Review: The Slickrock Paradox


by Stephen Legault


Opening line: She was not there.

The first paragraph of this claustrophobic, taut tale takes us, paradoxically, to the wide-open Utah desert, where Silas Pearson is searching for a missing woman. He knows his quest is likely hopeless. This expanse of red sandstone may look flat but it is creased with crevices, some of them hundreds of feet deep. An unwary hiker might break an ankle stumbling across a narrow rift and die of heat exhaustion under the sun, or fall into black depths and drown as the next rainstorm funnels through the gully. Yet Silas keeps looking, obsessively mapping the terrain a few days each week, marking off his search areas in 7.5 inch grid squares on the small-scale topographical maps that paper his living room walls. He has done this, we learn, for the past three-plus years, seeking his wife.

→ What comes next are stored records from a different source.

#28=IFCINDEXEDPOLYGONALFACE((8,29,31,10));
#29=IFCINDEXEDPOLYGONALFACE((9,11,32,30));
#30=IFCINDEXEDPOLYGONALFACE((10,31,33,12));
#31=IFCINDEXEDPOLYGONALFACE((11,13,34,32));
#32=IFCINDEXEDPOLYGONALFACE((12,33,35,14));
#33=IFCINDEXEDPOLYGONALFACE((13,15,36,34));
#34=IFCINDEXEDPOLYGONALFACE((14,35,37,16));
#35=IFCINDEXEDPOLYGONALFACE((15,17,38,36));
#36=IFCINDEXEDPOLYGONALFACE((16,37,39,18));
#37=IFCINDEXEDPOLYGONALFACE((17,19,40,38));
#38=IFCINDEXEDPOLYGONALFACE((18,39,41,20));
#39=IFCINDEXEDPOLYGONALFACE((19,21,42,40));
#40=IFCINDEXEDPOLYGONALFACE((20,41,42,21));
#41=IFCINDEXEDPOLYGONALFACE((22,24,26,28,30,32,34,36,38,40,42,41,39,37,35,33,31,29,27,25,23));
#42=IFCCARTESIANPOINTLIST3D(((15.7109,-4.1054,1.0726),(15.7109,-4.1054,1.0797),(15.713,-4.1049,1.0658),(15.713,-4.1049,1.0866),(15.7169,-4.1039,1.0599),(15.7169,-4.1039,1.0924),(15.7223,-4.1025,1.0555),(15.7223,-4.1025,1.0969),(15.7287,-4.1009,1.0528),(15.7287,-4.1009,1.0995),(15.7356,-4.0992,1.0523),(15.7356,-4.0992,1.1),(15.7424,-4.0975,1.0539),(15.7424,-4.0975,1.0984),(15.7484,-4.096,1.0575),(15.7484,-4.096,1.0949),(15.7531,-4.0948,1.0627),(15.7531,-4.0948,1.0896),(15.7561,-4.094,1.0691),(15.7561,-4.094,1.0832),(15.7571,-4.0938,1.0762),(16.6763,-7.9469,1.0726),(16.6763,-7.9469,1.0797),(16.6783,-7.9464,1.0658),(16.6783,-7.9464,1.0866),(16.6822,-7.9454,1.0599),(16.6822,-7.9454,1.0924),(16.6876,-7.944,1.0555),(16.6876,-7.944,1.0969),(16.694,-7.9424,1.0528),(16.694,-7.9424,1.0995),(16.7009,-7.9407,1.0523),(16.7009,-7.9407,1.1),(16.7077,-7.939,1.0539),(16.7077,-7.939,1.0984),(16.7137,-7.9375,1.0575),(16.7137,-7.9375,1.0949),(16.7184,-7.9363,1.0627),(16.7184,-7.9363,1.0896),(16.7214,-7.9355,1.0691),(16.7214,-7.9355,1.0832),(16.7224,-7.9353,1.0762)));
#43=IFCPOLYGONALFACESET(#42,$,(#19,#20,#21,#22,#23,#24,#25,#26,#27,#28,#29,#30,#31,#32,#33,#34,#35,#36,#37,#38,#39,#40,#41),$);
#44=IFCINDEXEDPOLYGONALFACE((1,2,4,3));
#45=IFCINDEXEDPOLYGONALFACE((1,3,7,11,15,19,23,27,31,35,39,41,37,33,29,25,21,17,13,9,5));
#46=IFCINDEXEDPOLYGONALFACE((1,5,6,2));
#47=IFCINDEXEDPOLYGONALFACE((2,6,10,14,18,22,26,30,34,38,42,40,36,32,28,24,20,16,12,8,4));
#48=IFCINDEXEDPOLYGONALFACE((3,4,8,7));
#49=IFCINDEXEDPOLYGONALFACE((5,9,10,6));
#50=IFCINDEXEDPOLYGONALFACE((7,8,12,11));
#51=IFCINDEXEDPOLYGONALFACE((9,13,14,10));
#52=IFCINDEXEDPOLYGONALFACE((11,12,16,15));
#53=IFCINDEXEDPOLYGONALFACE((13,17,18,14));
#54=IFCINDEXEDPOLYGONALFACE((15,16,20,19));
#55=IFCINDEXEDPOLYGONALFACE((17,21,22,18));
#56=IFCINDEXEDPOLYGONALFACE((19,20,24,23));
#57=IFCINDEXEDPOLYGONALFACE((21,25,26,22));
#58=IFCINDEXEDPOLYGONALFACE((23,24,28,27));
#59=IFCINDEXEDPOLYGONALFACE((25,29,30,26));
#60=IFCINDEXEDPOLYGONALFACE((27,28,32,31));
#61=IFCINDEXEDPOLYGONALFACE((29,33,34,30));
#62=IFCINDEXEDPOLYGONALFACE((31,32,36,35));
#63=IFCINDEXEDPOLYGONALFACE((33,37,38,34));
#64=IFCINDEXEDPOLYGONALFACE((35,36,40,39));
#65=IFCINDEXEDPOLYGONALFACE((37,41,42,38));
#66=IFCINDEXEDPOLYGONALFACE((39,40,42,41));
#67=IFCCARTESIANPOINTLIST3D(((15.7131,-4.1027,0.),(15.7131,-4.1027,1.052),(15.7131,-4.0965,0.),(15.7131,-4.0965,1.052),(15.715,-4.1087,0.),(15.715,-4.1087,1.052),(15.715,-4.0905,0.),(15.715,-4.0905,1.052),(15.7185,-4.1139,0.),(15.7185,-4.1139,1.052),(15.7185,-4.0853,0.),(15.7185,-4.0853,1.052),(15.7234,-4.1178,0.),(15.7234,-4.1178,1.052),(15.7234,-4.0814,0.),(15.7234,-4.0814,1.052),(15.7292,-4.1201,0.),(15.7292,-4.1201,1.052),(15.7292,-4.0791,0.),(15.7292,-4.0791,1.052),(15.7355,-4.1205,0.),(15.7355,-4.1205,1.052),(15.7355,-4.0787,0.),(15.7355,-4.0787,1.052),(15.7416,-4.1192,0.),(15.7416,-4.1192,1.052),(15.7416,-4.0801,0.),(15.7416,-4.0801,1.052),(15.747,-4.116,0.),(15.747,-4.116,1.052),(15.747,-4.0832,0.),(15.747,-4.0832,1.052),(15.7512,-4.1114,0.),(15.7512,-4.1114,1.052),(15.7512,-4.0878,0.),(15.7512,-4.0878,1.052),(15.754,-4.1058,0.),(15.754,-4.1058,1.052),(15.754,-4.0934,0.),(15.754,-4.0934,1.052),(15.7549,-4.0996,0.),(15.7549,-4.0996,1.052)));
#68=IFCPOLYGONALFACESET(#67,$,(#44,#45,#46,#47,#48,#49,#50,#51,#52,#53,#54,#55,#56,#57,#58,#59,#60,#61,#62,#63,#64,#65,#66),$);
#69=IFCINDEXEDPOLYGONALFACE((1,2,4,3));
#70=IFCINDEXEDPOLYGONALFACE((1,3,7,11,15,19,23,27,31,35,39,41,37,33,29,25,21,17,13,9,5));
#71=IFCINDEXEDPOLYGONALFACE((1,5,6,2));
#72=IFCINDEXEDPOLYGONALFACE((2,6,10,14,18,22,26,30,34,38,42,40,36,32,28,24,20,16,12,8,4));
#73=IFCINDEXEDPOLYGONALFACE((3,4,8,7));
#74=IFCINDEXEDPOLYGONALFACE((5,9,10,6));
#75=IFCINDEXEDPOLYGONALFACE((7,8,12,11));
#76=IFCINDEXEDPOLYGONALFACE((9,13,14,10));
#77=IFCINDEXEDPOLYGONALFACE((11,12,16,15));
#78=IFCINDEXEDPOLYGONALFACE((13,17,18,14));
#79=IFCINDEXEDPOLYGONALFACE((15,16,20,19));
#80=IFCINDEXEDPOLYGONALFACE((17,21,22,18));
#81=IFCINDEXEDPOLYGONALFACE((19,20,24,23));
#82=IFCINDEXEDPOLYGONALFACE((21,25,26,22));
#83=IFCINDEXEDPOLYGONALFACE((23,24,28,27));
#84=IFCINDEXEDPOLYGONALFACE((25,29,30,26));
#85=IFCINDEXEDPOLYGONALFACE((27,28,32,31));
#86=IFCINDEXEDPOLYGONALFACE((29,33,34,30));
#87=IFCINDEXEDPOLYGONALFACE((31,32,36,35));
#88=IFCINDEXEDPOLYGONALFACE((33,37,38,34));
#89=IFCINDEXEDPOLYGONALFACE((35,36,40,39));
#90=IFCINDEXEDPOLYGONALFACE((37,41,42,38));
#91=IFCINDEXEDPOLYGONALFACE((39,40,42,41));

By the end of Chapter One, I shared Silas’ obsession, drawn in by his close observation of the rock itself, by his attention to every nuance of weather and geography that might offer a clue to her end. My desire to learn his wife’s fate, and to understand the web of emotions that drove his obsessive hunt, carried my eyes from sentence to sentence, page to page, while the sere landscape built itself in my mind.

The Slickrock Paradox takes us through terrain as unforgiving on the outside as Silas’ inner country is to him. This is a novel for those who love wilderness as passionately as they do a gripping, suspenseful mystery.